With three days left to either veto or sign the remaining bills on his desk, Governor Newsom has one more Job Killer to consider – AB 3216 (Kalra).
AB 3216 would impose a “right to recall” mandate on certain industries in California (hotels, event centers, airports, etc.) – meaning employees who were laid off or furloughed as a result of COVID-19 must be hired back by the company according to seniority. The law also requires that an employee be returned to a position that the employee formerly held or for which the employee could be trained/qualified to perform. Failure to follow the prescriptive requirements of the bill, as usual could give rise to a lawsuit under the Labor Code Private Attorney General Act.
Why is this bill a Job Killer?
First, the industries to which this bill would apply are some of the hardest hit as a result of COVID. Event centers have yet to reopen, hotels are operating at limited occupancy, and airports throughout the state remain deserted. Imposing additional mandates on these struggling industries is not only punitive, it will confound their ability to get back on their feet. These companies should reopen in the safest and most efficient way necessary – which each company can decide under the existing state labor regulations.
Second, an employer doesn’t need the government’s direction to return a well-performing employee to his or her former position. The employer already is motivated to bring back an employee who knows the duties of the position and would need minimal training or assistance. However, the manner and timing of when an employer brings an employee back to work should be left to the discretion of the employer. For example, many hotels are reporting that customers are making last minute plans to travel – and booking rooms with 24-48 hours’ notice. Under AB 3216, in order to staff up for these last minute guests, an employer would have to identify senior employees, give them five days to decide to return to work before asking any other employee, and potentially train the employee for the duties of the position. How does this make sense? No employer could navigate a bizarre rule requiring a five-day notice to existing employees when the employer must staff up within 24 hours. This is like a restaurant ordering eggs from the rancher after a customer orders an omelet.
Third, AB 3216 requires an employer to recall employees to the same position or a position for which they are or “can be qualified” – meaning the employer has to train senior employees for new jobs. This adds more costs and delay to reopening – but also requires an employer to choose among employees.
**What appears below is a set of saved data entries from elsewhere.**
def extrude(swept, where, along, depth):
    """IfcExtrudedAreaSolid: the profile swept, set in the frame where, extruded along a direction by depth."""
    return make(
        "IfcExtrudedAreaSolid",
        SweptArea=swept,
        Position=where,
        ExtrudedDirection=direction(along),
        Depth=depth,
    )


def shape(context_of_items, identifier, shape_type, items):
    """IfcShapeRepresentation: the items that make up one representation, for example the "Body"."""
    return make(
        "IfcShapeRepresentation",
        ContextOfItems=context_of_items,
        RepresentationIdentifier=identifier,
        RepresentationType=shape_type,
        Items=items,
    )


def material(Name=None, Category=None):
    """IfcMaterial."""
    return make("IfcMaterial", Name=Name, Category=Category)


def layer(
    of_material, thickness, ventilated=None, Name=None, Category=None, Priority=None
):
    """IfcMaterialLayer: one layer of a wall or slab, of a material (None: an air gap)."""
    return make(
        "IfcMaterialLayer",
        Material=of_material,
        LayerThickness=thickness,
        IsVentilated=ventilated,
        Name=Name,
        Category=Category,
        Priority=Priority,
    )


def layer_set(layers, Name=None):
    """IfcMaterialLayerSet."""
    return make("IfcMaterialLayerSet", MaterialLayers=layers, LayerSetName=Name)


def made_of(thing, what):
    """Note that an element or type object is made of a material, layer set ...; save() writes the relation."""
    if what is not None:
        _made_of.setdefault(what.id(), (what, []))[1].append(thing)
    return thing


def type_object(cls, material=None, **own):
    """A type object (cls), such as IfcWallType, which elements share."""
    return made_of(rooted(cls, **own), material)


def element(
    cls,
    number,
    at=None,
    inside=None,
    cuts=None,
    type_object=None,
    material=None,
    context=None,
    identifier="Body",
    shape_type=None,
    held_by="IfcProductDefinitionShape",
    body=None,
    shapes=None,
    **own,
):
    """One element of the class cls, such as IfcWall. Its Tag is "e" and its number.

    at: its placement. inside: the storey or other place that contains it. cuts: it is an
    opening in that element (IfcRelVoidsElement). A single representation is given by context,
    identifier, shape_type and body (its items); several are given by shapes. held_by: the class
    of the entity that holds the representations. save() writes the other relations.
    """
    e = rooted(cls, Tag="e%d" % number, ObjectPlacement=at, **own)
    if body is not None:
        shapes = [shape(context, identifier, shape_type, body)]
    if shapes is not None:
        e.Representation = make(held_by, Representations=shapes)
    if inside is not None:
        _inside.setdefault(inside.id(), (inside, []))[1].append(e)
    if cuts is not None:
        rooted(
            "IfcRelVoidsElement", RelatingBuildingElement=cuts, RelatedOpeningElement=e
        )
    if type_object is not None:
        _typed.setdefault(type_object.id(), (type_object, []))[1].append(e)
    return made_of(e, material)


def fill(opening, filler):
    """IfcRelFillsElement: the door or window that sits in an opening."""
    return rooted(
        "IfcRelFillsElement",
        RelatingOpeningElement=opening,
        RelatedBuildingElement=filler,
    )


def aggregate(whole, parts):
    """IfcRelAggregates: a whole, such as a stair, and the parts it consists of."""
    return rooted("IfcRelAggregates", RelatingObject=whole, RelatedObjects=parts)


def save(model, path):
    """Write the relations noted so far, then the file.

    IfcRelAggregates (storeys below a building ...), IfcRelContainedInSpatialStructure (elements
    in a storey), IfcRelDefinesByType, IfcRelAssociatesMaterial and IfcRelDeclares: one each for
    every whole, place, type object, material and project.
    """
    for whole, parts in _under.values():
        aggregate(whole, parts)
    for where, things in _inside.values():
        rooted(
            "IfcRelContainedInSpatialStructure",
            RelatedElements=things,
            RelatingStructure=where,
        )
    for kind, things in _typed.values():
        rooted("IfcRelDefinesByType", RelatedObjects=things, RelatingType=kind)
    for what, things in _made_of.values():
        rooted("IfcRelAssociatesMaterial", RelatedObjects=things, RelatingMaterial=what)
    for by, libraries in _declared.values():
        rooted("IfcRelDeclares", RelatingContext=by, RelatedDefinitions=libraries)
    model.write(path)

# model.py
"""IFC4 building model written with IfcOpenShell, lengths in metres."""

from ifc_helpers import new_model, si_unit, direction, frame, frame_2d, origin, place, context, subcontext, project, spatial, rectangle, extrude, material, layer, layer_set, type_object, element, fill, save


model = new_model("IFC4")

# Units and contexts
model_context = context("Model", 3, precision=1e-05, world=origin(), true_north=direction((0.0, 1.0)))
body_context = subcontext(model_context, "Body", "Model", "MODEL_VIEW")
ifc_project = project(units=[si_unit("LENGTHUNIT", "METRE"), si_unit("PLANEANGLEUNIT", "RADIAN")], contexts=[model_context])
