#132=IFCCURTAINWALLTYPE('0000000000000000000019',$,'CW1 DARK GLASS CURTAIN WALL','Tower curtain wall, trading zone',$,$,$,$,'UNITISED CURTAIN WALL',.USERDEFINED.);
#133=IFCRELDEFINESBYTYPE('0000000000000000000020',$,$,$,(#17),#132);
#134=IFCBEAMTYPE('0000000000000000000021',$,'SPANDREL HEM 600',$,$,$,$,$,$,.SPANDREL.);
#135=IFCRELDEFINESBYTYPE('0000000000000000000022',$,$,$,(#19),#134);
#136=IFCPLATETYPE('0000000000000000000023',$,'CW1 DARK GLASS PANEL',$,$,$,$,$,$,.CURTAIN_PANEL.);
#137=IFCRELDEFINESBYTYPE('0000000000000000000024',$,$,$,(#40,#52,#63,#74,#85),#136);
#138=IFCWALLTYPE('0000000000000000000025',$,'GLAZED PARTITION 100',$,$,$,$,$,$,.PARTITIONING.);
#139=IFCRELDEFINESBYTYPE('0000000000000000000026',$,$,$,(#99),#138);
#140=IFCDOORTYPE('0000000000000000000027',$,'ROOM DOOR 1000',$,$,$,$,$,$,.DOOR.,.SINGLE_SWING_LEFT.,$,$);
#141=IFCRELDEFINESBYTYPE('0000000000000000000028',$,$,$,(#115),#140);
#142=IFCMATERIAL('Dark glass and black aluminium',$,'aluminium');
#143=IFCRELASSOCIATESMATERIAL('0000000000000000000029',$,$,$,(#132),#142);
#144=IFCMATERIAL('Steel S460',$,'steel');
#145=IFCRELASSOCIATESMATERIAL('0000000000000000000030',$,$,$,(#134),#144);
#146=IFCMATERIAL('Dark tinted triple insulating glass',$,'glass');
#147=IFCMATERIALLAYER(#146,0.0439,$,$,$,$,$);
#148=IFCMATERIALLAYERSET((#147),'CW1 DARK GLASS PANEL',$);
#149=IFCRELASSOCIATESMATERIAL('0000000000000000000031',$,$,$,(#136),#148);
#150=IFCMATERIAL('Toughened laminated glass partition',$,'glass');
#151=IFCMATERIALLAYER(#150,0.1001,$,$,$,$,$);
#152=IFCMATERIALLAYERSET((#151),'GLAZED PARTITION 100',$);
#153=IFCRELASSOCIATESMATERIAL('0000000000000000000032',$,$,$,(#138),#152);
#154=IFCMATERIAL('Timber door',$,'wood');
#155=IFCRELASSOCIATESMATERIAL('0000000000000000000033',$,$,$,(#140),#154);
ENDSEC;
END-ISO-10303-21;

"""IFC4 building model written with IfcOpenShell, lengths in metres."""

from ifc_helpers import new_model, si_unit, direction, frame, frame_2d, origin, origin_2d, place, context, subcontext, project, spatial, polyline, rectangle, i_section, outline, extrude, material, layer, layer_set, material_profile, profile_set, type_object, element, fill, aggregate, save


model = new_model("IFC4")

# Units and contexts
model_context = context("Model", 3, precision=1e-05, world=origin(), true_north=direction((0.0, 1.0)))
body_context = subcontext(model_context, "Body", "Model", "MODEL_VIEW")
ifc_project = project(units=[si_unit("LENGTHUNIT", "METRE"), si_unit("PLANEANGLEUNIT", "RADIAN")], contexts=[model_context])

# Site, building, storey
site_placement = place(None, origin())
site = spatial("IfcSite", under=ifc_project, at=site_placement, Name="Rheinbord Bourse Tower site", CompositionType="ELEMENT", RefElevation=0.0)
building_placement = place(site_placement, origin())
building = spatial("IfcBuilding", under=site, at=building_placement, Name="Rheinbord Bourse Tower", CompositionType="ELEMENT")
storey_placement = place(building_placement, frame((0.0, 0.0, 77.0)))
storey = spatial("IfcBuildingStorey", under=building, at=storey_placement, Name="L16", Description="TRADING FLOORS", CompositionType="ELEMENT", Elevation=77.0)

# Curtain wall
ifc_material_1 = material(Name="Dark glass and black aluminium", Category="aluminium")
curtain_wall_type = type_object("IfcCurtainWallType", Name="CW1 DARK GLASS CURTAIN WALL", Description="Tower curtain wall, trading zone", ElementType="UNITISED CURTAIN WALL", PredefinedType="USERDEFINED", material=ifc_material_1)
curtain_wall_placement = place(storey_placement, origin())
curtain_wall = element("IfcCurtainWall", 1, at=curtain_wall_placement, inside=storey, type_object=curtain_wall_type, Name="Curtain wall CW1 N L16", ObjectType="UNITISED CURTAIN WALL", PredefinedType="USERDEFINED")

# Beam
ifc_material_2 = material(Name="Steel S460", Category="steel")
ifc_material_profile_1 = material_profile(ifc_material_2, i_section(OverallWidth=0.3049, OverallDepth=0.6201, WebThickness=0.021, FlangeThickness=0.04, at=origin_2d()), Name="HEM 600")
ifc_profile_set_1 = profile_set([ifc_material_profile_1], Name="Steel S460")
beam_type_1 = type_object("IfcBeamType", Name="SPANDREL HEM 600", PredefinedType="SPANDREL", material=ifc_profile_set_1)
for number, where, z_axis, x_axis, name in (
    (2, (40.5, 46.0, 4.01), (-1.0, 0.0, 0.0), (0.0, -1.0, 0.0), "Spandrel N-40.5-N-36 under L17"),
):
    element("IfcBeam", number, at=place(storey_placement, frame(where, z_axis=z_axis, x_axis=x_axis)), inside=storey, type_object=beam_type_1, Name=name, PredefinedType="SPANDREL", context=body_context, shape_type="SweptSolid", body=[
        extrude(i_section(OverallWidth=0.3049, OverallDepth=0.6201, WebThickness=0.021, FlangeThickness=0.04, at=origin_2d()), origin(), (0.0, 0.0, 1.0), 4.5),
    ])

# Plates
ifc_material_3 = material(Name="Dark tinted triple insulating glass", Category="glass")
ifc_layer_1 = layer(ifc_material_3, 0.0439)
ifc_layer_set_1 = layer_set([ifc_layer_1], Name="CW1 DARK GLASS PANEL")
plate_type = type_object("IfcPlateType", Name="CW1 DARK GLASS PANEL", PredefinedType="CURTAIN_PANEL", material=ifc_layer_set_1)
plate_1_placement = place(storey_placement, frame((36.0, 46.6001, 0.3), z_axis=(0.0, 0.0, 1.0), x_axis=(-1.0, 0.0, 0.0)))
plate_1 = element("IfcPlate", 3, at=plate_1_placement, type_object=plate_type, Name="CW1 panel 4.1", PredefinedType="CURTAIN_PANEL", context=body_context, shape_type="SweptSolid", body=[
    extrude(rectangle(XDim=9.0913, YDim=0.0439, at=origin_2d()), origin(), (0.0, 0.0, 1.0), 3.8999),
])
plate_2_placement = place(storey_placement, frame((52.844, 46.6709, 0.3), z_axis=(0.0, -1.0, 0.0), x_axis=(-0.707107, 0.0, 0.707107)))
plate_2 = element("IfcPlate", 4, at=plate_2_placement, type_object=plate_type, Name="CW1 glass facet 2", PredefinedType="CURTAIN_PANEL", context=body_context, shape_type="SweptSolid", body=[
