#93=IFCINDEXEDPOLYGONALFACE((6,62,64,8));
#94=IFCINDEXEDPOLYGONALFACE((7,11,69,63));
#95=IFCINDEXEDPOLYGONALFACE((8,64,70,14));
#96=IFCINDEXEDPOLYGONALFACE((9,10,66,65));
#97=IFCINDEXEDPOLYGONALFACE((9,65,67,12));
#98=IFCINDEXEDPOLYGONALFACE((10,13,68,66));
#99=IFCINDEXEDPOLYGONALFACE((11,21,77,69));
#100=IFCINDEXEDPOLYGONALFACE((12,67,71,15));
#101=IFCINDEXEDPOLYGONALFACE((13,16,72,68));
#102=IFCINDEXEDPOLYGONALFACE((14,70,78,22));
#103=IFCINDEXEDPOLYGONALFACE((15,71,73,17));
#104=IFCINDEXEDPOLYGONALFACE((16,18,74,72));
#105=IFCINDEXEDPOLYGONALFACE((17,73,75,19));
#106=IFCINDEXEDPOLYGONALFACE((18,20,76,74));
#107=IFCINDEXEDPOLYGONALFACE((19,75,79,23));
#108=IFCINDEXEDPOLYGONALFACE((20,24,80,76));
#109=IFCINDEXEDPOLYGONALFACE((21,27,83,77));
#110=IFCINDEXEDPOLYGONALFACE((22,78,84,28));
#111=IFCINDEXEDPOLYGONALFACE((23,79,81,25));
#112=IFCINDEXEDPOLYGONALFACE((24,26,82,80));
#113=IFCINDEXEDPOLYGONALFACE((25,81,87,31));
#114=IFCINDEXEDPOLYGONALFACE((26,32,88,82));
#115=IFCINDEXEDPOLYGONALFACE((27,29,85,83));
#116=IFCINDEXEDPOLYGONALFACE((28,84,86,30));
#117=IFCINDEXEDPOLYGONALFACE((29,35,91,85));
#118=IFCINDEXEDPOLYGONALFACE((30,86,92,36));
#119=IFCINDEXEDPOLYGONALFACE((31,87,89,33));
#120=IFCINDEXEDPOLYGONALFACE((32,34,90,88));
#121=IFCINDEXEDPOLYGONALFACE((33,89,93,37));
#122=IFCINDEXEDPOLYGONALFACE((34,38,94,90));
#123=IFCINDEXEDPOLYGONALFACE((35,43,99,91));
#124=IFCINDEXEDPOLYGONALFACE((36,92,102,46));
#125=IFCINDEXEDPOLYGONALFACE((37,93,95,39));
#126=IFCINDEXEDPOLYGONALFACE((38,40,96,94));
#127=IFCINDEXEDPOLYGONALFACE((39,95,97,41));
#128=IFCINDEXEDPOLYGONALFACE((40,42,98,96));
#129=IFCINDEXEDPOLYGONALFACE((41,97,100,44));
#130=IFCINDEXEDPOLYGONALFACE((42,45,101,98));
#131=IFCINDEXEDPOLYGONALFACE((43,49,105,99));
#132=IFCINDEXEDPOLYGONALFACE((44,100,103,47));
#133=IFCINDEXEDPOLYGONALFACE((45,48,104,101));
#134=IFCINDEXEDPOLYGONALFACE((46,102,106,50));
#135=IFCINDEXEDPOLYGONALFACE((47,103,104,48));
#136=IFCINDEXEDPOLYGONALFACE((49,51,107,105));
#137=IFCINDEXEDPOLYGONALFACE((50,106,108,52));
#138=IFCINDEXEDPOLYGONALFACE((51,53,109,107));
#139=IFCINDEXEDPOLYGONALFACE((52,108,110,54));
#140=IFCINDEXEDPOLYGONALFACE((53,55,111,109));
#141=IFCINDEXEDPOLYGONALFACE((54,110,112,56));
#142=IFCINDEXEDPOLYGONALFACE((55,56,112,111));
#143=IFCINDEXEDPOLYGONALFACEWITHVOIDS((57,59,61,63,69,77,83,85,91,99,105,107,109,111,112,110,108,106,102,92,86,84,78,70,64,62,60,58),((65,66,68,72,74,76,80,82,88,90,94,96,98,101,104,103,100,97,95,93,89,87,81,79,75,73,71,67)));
For example, if a hotel needs housekeepers to return to work, but there is a furloughed valet who is more senior, AB 3216 would require the employer to offer the housekeeper position to the valet and train the valet on this new job. Even if former housekeepers are available and willing to work, the employer must rehire the more senior valet.
The obstacles and confusion AB 3216 presents will delay business reopening and the hiring back of employees. Governor Newsom should veto AB 3216 and give these industries a chance to rebuild.